そして、無事に家に帰れるように、立ち去り、自分を怒らせるなと命じた。
ὁ δὲ πρεσβύτης ἀκούσας ἔδεισέν τε καὶ ἀπῄει σιγῇ, ἀποχωρήσας δὲ ἐκ τοῦ στρατοπέδου πολλὰ τῷ Ἀπόλλωνι ηὔχετο, τάς τε ἐπωνυμίας τοῦ θεοῦ ἀνακαλῶν καὶ ὑπομιμνῄσκων καὶ ἀπαιτῶν, εἴ τι πώποτε ἢ ἐν ναῶν οἰκοδομήσεσιν ἢ ἐν ἱερῶν θυσίαις κεχαρισμένον δωρήσαιτο·
老人はこれを聞いて恐れ、黙って立ち去った。 そして、陣営から遠く離れると、アポロンに向かって熱心に祈り、神の様々な異名を呼び、もし自分が神殿の建設や聖なる犠牲の捧げ物において、かつて何か喜ばしいものを贈ったことがあるならば、それを思い起こさせ、またその見返りを求めた。
ὧν δὴ χάριν κατηύχετο τεῖσαι τοὺς Ἀχαιοὺς τὰ ἃ δάκρυα τοῖς ἐκείνου βέλεσιν.
そして、これらに対する感謝として、アカイア人たちが自分の涙の報いを神の矢によって受けるようにと祈った。
οὕτως, ἦν δʼ ἐγώ, ὦ ἑταῖρε, ἄνευ μιμήσεως ἁπλῆ διήγησις γίγνεται.
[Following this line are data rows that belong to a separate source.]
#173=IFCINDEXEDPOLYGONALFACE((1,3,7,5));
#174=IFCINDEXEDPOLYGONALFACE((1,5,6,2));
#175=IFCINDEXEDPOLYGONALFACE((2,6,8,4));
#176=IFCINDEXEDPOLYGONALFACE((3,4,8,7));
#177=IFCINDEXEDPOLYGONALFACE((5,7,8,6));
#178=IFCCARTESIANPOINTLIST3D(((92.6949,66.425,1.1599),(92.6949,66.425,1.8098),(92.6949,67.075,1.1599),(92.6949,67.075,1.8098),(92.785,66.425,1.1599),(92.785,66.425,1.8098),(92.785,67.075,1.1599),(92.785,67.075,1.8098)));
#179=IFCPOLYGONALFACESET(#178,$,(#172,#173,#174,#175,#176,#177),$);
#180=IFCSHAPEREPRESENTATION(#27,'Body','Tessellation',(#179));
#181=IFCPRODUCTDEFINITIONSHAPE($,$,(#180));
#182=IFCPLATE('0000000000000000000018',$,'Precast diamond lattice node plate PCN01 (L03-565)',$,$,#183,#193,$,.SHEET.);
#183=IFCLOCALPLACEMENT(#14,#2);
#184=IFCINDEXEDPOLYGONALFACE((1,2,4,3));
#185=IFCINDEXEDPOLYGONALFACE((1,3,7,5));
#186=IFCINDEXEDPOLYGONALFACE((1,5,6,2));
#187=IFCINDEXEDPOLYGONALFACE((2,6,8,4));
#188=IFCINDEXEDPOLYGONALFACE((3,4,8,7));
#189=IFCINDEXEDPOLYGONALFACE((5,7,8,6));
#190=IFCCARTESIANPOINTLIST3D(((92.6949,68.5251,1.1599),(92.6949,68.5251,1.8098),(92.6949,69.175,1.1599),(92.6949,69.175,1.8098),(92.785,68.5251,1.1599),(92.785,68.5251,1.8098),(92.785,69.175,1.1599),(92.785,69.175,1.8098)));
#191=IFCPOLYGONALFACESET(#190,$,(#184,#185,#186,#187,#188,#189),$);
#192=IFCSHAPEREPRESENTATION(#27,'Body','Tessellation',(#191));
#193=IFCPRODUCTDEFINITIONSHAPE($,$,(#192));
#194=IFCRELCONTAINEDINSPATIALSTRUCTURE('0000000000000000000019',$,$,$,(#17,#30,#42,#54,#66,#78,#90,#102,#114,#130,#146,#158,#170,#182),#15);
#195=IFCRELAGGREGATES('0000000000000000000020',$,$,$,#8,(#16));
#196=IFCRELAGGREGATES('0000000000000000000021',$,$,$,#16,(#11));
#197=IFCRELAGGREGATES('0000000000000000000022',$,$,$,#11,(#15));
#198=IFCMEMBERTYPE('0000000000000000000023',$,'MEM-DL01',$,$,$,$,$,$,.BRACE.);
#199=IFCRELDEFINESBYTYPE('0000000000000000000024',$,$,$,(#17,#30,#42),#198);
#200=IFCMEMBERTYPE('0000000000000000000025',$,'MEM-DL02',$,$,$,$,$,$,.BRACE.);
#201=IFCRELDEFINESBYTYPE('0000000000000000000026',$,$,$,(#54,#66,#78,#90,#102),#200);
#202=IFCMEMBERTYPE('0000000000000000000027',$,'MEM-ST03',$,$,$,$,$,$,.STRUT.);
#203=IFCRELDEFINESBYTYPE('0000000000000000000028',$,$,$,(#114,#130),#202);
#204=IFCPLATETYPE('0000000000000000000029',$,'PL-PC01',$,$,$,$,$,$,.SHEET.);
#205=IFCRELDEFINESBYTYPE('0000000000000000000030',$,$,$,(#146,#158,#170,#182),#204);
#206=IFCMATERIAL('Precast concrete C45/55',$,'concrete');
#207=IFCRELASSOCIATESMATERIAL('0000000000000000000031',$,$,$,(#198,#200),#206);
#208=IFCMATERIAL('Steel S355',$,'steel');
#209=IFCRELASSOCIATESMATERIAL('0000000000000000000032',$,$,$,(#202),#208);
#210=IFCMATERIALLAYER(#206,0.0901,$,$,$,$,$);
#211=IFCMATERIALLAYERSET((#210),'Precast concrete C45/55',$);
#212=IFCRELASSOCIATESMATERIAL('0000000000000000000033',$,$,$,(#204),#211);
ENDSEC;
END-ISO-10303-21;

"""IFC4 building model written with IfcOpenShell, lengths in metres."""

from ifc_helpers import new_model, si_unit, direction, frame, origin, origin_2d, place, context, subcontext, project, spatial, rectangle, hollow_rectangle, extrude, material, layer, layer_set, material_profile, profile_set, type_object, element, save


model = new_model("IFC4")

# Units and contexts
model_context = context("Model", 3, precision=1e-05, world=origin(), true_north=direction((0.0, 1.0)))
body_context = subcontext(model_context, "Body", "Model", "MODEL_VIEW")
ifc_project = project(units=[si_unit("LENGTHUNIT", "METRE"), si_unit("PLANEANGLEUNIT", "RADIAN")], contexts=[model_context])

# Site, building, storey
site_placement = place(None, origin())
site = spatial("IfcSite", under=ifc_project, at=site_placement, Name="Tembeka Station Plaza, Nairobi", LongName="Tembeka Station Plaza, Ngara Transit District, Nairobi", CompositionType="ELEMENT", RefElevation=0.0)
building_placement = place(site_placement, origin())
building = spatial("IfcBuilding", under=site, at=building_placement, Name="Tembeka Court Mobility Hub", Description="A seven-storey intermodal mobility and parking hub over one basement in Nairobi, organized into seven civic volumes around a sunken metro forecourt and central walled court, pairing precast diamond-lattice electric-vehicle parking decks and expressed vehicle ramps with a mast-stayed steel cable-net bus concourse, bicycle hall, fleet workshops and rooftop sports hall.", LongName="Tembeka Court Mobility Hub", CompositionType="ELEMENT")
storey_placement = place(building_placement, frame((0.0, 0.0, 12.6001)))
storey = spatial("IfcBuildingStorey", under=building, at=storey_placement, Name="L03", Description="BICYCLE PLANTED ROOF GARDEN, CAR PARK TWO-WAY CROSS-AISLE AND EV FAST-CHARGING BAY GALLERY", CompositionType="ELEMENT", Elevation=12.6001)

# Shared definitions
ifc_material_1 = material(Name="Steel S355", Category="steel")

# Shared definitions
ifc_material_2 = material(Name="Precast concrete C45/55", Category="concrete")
このようにして、友よ、模倣のない単純な叙述が行われるのだ。
μανθάνω, ἔφη.
「理解しました」と彼は言った。
μάνθανε τοίνυν, ἦν δʼ ἐγώ, ὅτι ταύτης αὖ ἐναντία γίγνεται, ὅταν τις τὰ τοῦ ποιητοῦ τὰ μεταξὺ τῶν ῥήσεων ἐξαιρῶν τὰ ἀμοιβαῖα καταλείπῃ.
「では、次のように理解したまえ」と私は言った。 「これとは反対のことが、詩人がセリフの間の部分を取り除き、対話の部分だけを残す時に起こるということを。
καὶ τοῦτο, ἔφη, μανθάνω, ὅτι ἔστιν τὸ περὶ τὰς τραγῳδίας τοιοῦτον.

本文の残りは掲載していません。